The core part should be allocated to broad index funds or broader markets, with the satellite part to be used to take country-specific or thematic bets.

Among the schemes where new fund offers (NFOs) are open are Motilal Oswal MSCI EAFE Top 100 Select Index Fund and PGIM India Global Select Real Estate Fund of Fund, while NFOs of Nippon India Taiwan Equity Fund, Invesco Blockchain Fund, and Mirae Asset Hang Seng Tech ETF Fund of Fund are expected later this month. Financial planners believe investors could put up to 20% of their equity allocations overseas but suggest it must be done slowly and gradually over a period, given that valuations are steep.

“Adopt a core and satellite approach while investing overseas and built this allocation gradually over a 12-18 month period. The core part, which constitutes 80% of the total allocation, should be to broad-based markets or index funds, with the balance 20% into country-specific or thematic bets,” said Vishal Dhawan, founder, Plan Ahead Wealth Advisors.

Wealth managers urge investors to diversify geographically as India is just 3% of global market capitalisation.

“Diversifying overseas gives you an opportunity to invest in high growth businesses which we consume in India, but are not listed here,” said Deepak Chhabria, founder, Axiom Financial Solutions.

Given the number of new fund launches around specific themes and countries, financial planners warn investors to not be carried away by them. “Country-specific funds or narrow themes carry risks which are difficult for investors sitting in India to comprehend,” adds Chhabria.

Investors looking to book profit in equities after the sharp rally and allocate to real estate globally could consider PGIM India Global Real estate Fund of Funds, while those with a very high risk appetite looking for an aggressive country theme or sectoral new-age theme can consider exposure to Nippon’s Taiwan Fund or Invesco Blockchain Fund.

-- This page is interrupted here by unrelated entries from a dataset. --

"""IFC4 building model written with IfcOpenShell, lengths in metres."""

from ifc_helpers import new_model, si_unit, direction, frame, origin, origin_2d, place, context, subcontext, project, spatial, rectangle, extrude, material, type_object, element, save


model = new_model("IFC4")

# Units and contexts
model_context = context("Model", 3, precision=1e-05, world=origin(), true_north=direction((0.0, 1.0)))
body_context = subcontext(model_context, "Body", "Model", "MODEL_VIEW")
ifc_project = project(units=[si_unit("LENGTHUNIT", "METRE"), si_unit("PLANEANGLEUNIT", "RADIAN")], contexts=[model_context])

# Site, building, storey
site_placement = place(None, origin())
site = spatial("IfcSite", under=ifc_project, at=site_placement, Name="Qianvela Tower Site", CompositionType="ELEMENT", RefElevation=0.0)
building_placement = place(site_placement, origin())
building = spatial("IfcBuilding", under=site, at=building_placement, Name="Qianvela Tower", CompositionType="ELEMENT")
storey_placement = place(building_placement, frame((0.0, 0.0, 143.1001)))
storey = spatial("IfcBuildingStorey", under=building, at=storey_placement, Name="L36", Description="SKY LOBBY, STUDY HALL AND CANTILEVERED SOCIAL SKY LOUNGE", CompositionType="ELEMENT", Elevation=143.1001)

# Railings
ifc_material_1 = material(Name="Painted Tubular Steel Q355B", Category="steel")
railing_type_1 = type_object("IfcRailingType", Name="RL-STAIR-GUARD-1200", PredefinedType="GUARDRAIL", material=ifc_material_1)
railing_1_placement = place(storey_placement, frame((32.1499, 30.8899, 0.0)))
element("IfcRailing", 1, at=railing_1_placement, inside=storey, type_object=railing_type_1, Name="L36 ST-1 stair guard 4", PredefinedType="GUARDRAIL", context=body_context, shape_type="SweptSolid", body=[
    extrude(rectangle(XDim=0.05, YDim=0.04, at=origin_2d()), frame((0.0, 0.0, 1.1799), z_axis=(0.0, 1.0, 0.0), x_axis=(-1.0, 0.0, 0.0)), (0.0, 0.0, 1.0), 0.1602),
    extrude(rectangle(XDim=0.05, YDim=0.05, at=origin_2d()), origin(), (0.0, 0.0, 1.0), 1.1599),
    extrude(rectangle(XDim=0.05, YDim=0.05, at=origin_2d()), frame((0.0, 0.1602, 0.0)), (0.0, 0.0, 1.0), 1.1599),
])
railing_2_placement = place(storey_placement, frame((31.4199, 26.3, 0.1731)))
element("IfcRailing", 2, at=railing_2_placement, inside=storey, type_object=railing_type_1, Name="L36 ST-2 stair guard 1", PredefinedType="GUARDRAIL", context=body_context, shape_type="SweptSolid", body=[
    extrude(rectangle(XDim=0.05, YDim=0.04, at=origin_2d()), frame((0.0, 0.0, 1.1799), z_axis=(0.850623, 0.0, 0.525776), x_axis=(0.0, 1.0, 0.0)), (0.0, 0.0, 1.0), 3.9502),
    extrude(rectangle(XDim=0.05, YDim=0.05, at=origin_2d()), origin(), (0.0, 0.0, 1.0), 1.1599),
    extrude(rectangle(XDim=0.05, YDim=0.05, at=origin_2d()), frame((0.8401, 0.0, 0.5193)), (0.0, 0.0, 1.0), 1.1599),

Chhabria advises investors to allocate 10-15% of their equity portfolio to international equity funds and prefers broad ETFs or index funds or diversified international funds that invest in broad markets as the chances of going wrong are limited. He prefers Motilal Oswal NASDAQ 100 ETF, Franklin India Feeder US Opportunities Fund and DSP US Flexible Equity.

Dhawan recommends HDFC Developed World Indexes FoF or a combination of Motilal Oswal S&P 500 Index fund and Motilal Oswal MSCI EAFE Top 100 Select Index Fund.